Hello all, in this I will be showing how I make a complete natural fork, I will also be adding other things in to try to help you out.
ITEMS USED:
files
rasps
sandpaper
knife

OPTIONAL :
dremail/dremal bits/sanders
drum sander
wasp sander
and kind of electric sander really
drills
vice
andthing you think may make the procces easier for you

First step:
SELECTING YOUR WOOD
No matter where you are there will allways be some sort of hardwood of fruit tree around you these are the kind of trees you want to use. Dead wood will allways have more character and look better just because it feels week it does not mean it is it could be extremely wet.
Some examples:
Ash 
Elder
Walnut
Cherry 
Beech
Yew
Hazel
Oak
Pine
Plum tree
Orange tree
Lemon tree
Holly
Hornbeam
Osage orage
Hickory
Sumac
cedar

the list goes on and on.

Step two:
CUTTING THE FORK TO SIZE
The fork I used in this video was a extremely hardwood I really struggled to cut through this I would advise you to put the fork in a vice when cutting to make life easier, if you are a new shooter or just using the for for target shooting you may want the forks to be higher and if you are a experience shooter or a hunter you may want the forks lower for less wrist strain.




http://www.youtube.com/watch?v=RESVI96TM5o&feature=plcp&context=C3e46bfcUDOEgsToPDskLHykZhBABJhMZcNMKLYji4

Step three:
DEBARKING YOUR FORK
Unfortunaly the fork that I am using in this tutorial had no bark on when I fornd it as it had already been cut down.
But to do it it is extremely straight forwards just simply take a knife or any sharp tool and shave it off. If you cut it fresh from the tree you can put in boiling water and leave in there for 10 mins or so then with a sharp tool make a cut lightly down the forks and handle making sure the cuts join up then simply peel like a banana
Sep four :
DRYING
Now befor you start work on it you are going to want to dry the fork you can either leave it a warm area for a couple of months and let it dry naturally the advantages of this is sometimes the final product can look better depending on the wood, or if you are impatient like me you can put the fork in a zip lock bag and microwave for 2 minutes in 20 second bursts do it until there is no more condensation that gets created on the fork.
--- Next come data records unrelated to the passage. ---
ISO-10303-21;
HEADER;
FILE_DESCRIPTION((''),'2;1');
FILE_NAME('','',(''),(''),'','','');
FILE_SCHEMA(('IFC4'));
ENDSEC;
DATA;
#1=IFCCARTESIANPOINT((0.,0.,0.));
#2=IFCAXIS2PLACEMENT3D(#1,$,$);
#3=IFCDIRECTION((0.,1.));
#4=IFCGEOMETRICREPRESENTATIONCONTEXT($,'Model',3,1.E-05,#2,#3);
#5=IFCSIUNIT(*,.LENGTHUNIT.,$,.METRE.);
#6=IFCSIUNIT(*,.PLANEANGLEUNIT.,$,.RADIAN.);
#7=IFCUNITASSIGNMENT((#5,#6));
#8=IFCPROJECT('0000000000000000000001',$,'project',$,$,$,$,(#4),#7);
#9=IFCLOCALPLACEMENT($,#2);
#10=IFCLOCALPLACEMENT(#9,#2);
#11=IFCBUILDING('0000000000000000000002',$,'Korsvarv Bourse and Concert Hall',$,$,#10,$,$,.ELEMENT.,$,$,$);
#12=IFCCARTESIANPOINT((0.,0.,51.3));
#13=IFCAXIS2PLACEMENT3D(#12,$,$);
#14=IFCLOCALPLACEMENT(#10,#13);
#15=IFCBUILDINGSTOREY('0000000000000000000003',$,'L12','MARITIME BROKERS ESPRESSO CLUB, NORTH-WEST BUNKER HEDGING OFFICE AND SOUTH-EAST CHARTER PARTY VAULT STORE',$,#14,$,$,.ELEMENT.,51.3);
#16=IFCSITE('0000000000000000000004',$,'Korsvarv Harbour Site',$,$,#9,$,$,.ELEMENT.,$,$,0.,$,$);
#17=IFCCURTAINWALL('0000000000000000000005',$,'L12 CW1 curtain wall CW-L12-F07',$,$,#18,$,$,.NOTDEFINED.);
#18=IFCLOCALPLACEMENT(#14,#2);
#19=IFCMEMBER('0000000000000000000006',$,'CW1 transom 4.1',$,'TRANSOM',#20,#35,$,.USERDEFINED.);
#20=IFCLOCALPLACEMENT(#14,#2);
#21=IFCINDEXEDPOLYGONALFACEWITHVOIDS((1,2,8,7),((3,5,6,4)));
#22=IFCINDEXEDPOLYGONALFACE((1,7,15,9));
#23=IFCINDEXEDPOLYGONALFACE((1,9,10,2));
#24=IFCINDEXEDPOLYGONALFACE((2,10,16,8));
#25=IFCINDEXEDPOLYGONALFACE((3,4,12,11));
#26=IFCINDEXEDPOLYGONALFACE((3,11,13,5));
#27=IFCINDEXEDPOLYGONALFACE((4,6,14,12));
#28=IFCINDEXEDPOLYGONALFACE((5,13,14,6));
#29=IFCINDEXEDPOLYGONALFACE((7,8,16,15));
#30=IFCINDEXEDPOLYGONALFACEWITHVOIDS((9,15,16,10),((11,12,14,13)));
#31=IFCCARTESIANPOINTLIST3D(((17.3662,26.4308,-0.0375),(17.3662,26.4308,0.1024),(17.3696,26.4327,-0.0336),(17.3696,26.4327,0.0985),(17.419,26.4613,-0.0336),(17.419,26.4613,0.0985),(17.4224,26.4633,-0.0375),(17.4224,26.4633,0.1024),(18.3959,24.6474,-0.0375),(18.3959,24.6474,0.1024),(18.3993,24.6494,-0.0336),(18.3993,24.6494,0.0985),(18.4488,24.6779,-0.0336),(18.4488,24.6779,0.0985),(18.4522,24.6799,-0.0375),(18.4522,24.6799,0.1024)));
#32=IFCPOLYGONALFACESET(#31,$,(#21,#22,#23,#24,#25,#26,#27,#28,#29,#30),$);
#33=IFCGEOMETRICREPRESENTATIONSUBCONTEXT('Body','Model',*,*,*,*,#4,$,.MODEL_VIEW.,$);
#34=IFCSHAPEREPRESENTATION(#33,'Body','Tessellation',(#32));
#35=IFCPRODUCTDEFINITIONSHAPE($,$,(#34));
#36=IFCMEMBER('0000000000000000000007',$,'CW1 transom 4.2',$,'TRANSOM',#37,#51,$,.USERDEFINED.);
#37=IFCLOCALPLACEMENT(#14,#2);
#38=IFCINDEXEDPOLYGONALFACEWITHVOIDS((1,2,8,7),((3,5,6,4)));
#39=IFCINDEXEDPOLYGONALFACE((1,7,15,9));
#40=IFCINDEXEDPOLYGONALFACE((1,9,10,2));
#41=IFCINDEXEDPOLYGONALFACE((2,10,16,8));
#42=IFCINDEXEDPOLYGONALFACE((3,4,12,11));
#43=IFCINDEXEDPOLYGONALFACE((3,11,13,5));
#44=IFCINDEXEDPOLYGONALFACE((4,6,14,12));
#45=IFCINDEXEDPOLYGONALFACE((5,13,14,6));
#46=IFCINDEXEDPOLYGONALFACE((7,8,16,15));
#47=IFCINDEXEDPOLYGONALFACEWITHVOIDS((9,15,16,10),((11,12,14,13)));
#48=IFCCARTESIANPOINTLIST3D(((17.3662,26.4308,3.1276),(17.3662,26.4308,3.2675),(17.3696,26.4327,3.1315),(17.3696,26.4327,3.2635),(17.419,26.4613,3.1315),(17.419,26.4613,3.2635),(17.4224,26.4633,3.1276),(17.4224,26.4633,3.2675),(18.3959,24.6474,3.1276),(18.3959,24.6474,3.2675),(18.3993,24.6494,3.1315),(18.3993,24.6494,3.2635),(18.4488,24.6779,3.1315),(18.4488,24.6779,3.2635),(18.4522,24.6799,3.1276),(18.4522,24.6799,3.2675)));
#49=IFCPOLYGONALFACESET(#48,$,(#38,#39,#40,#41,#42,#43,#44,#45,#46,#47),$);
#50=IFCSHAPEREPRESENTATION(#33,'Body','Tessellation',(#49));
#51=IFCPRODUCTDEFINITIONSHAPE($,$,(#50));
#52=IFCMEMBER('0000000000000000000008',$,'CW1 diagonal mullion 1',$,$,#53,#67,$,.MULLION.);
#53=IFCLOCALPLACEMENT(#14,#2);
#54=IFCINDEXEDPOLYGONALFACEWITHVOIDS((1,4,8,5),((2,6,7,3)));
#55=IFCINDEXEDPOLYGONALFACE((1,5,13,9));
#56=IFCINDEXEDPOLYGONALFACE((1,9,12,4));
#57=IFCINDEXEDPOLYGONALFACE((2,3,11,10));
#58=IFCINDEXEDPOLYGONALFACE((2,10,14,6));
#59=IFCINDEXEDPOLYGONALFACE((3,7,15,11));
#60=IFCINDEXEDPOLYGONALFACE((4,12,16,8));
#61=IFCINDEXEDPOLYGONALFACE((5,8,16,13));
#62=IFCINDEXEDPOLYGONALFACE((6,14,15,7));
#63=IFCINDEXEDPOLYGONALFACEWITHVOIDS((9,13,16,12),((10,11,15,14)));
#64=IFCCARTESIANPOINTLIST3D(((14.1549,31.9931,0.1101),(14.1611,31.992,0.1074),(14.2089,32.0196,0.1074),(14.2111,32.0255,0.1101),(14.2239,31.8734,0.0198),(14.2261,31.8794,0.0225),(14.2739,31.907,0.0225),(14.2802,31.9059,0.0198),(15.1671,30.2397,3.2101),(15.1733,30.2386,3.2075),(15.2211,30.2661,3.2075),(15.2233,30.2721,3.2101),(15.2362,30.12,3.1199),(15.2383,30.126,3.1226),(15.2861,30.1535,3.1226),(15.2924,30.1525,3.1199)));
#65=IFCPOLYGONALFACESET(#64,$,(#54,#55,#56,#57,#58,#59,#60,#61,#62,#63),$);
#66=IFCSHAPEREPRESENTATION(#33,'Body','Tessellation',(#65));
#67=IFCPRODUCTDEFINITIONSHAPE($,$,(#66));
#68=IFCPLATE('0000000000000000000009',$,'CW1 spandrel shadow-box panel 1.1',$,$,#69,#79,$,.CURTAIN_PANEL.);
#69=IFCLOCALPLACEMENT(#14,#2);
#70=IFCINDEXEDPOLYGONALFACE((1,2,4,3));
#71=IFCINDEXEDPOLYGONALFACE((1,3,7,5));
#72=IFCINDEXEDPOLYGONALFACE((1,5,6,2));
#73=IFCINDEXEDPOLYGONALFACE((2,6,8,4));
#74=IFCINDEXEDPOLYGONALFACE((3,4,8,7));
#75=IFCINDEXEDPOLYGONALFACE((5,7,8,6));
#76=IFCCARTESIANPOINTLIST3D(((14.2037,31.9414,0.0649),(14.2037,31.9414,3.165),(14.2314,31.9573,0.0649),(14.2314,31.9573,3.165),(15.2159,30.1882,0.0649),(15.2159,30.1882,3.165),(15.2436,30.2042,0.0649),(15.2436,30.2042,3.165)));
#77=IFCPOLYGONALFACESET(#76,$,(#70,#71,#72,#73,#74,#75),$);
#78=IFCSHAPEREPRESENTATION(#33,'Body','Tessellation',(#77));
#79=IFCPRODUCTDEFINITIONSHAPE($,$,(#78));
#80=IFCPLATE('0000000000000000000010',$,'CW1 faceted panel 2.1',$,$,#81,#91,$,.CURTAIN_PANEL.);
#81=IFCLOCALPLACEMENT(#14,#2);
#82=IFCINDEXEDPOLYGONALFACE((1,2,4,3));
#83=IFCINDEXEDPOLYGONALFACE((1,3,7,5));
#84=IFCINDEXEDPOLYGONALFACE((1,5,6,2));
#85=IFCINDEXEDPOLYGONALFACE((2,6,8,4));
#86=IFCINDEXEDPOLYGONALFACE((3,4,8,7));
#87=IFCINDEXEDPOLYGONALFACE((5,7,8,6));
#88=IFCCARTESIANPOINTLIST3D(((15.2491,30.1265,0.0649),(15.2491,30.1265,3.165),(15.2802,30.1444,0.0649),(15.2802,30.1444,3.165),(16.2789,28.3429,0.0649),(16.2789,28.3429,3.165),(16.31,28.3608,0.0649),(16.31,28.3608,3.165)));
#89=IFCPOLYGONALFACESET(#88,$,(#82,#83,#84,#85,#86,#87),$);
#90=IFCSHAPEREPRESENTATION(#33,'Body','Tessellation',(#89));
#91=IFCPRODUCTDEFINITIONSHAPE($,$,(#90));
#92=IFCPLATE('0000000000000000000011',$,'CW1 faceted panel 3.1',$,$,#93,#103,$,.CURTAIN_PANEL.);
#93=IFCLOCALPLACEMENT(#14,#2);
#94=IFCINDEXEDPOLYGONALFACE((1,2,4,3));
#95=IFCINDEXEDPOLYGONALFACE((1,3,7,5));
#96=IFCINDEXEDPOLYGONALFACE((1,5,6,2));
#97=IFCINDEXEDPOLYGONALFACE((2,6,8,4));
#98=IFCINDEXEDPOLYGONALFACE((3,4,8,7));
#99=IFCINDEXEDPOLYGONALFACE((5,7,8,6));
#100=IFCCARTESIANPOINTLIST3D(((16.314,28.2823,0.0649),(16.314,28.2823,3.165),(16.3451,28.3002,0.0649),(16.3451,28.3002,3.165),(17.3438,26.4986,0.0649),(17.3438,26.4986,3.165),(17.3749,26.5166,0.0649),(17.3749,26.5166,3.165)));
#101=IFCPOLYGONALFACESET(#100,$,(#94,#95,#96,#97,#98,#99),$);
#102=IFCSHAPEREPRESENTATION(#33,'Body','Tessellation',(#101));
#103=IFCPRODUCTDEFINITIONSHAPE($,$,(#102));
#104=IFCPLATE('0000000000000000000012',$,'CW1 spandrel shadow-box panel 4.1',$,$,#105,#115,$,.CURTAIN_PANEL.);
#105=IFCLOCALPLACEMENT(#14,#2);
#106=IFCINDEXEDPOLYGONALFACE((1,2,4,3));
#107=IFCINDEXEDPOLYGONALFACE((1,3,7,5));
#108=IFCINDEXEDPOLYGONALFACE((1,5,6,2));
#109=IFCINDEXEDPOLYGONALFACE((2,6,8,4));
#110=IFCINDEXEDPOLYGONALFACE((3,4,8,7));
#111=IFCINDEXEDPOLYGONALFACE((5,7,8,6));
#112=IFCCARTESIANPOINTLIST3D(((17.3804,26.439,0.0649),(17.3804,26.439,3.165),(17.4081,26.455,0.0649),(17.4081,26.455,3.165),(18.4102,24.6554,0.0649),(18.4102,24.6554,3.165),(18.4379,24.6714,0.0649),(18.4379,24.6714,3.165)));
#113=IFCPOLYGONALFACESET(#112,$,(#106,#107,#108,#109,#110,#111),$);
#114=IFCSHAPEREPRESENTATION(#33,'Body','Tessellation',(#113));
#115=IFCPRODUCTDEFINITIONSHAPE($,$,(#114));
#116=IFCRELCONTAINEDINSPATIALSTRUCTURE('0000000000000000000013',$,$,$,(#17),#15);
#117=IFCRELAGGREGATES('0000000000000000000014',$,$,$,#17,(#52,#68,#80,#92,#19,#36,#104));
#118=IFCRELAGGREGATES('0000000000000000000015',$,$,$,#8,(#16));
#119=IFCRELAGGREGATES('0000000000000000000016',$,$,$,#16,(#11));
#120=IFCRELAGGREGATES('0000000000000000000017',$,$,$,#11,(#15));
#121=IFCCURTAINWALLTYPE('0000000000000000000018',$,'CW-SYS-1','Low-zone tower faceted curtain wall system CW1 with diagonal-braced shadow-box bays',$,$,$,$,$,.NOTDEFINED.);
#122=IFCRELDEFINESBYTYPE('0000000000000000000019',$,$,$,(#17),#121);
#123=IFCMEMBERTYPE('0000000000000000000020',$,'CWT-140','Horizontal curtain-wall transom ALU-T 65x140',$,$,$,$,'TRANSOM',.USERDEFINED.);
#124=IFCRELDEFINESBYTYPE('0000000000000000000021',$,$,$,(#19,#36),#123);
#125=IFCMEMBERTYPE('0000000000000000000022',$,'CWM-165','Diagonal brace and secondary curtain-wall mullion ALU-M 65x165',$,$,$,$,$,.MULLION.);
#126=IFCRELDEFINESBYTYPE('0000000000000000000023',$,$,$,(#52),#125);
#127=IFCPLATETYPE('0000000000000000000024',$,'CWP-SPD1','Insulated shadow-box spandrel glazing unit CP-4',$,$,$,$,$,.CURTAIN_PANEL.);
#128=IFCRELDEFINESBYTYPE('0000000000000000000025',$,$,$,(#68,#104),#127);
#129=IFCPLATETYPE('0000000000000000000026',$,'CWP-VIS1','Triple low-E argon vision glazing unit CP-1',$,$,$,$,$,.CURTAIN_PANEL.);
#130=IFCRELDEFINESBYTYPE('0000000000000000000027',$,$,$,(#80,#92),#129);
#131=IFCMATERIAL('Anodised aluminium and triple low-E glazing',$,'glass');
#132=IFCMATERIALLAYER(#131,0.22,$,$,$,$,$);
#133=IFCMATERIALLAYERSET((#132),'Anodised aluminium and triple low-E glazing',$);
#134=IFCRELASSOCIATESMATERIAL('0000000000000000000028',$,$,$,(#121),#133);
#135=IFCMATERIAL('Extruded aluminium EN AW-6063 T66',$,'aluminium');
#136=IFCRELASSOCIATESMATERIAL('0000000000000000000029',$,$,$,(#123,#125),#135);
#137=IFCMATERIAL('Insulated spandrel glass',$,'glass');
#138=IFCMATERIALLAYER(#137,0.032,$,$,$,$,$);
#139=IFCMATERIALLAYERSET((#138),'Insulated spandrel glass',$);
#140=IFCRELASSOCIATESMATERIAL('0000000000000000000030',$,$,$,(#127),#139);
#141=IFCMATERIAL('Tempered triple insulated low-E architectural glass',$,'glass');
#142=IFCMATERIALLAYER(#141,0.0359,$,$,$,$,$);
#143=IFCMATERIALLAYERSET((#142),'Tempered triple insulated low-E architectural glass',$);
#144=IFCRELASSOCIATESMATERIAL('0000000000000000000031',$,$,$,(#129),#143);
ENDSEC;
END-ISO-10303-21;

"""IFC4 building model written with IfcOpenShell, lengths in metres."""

from ifc_helpers import new_model, si_unit, direction, frame, origin, origin_2d, place, context, subcontext, project, spatial, rectangle, hollow_rectangle, extrude, source, transform, mapped, material, layer, layer_set, material_profile, profile_set, type_object, element, aggregate, save


model = new_model("IFC4")

# Units and contexts
model_context = context("Model", 3, precision=1e-05, world=origin(), true_north=direction((0.0, 1.0)))
body_context = subcontext(model_context, "Body", "Model", "MODEL_VIEW")
ifc_project = project(units=[si_unit("LENGTHUNIT", "METRE"), si_unit("PLANEANGLEUNIT", "RADIAN")], contexts=[model_context])

# Site, building, storey
site_placement = place(None, origin())
site = spatial("IfcSite", under=ifc_project, at=site_placement, Name="Korsvarv Harbour Site", CompositionType="ELEMENT", RefElevation=0.0)
building_placement = place(site_placement, origin())
building = spatial("IfcBuilding", under=site, at=building_placement, Name="Korsvarv Bourse and Concert Hall", CompositionType="ELEMENT")
storey_placement = place(building_placement, frame((0.0, 0.0, 51.3)))
storey = spatial("IfcBuildingStorey", under=building, at=storey_placement, Name="L12", Description="MARITIME BROKERS ESPRESSO CLUB, NORTH-WEST BUNKER HEDGING OFFICE AND SOUTH-EAST CHARTER PARTY VAULT STORE", CompositionType="ELEMENT", Elevation=51.3)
Waning microwaving your fork to long can make the fork crack.

Step five:
SHAPING THE FORK TO A BASIC SHAPE
Ok now you are going to want to get your fork shaped to a basic shape of a slingshot, to do this I would recommend using a knifeto take of most of the wood carve away take it slow try to avoid pushing to hard or you can take to much wood off.
If you have a fork wish a perfect shape and this is not needed that that if fine skip this step
[media]http://www.youtube.com/watch?v=yBuBe7jwVrs&feature=channel[/media]
[media]http://www.youtube.com/watch?v=mXFVe10ZB80&feature=channel[/media]
Step six:
THE FINISHING TOUCHES
Now you are going to want to get rid of all them knife marks right?
So take a rasp or a file and take put as much of the marking ass possible making it round and combatable.
[media]http://www.youtube.com/watch?v=ggugkWHdT_s&feature=channel[/media]

Step seven:
ROUNDING THE FORKTIPS
The fork tips of your slingshot are very delicate and need care if they are not round enough then that mean less band life and a better chance of them snapping and hitting your face.
So you basically take a file or rasp and round the fork tip to a standard where you think you can do any more.






















Step eight:
MAKING THE FORK MORE ERGONOMICAL
This step is not needed.
I personally like to have a slingshot to have certain features that will make it fit my hand better. A combatable hold will defiantly help your shooting.
So now take you knife and file and start whittling away on this slingshot I made kind of a palm swell and a place for my fingers to go. I cant really help you on this step because its completely optional and your personal preference
[media]http://www.youtube.com/watch?v=T_kWOuZkf9c&feature=channel[/media]
[media]http://www.youtube.com/watch?v=xE1lHZD8rUo&feature=channel[/media]

Step nine
ADDING BAND GROVES
Band groove are not needed at all you have a high chance to mess up and ruin the slingshot and when the rubber is draws over the top the friction basically stops and no pressure is put on where the band grooves would be. I never use them but for a first I used the on this I basically took a rat tail file and just filed in a straight line. Over things could also be used for this such as sand paper around a pen














Step ten:
GOING OVER ONCE AGAIN
Now you can go over with a file or rasp and take out the knife marks once again.
[media]http://www.youtube.com/watch?v=pzE3IVjuflM&feature=channel















Step eleven
SANDING
Now you are going to want to sand your fork this will make it smooth and take out any leftover marks
Sand papers I used where 60, 150, 240 if you wanted you could stop here that would be fine but i went up higher and used 800 then 2000
When sanding there is no restrictions really but what I will say is sand with the grain of the wood this will avoid and scratches forming` this is this worst part
And if you sand to a high grit it will naturally become polished




















Step twelve
APPLYING YOUR FINISH
Now to keep your wood protected you are going to want to finish it in something weather it be a oil or a varnish I used a oil I filled a container with 50/50 linseed oil and mineral oil and let it soak for about two hours the longer the better I recommend around 2-3 days then I took it out and put a piece of string around the fork so the fork was dangling above the oil leave for about a night the next day wipe the excess off
The n give ambit off a buff with a old t-shirt
As for varnish I would highly recommend polyurethane preferably ready in a aerosol can or you could use a brush of a air brush















other attachment methods:
hole in fork this methoud allows you to shoot looped chinesed tubes.
fist drill a hole in the fork about 3-4 mm







then sand all around then with a peice of string thread through and pull the elasting through the hole.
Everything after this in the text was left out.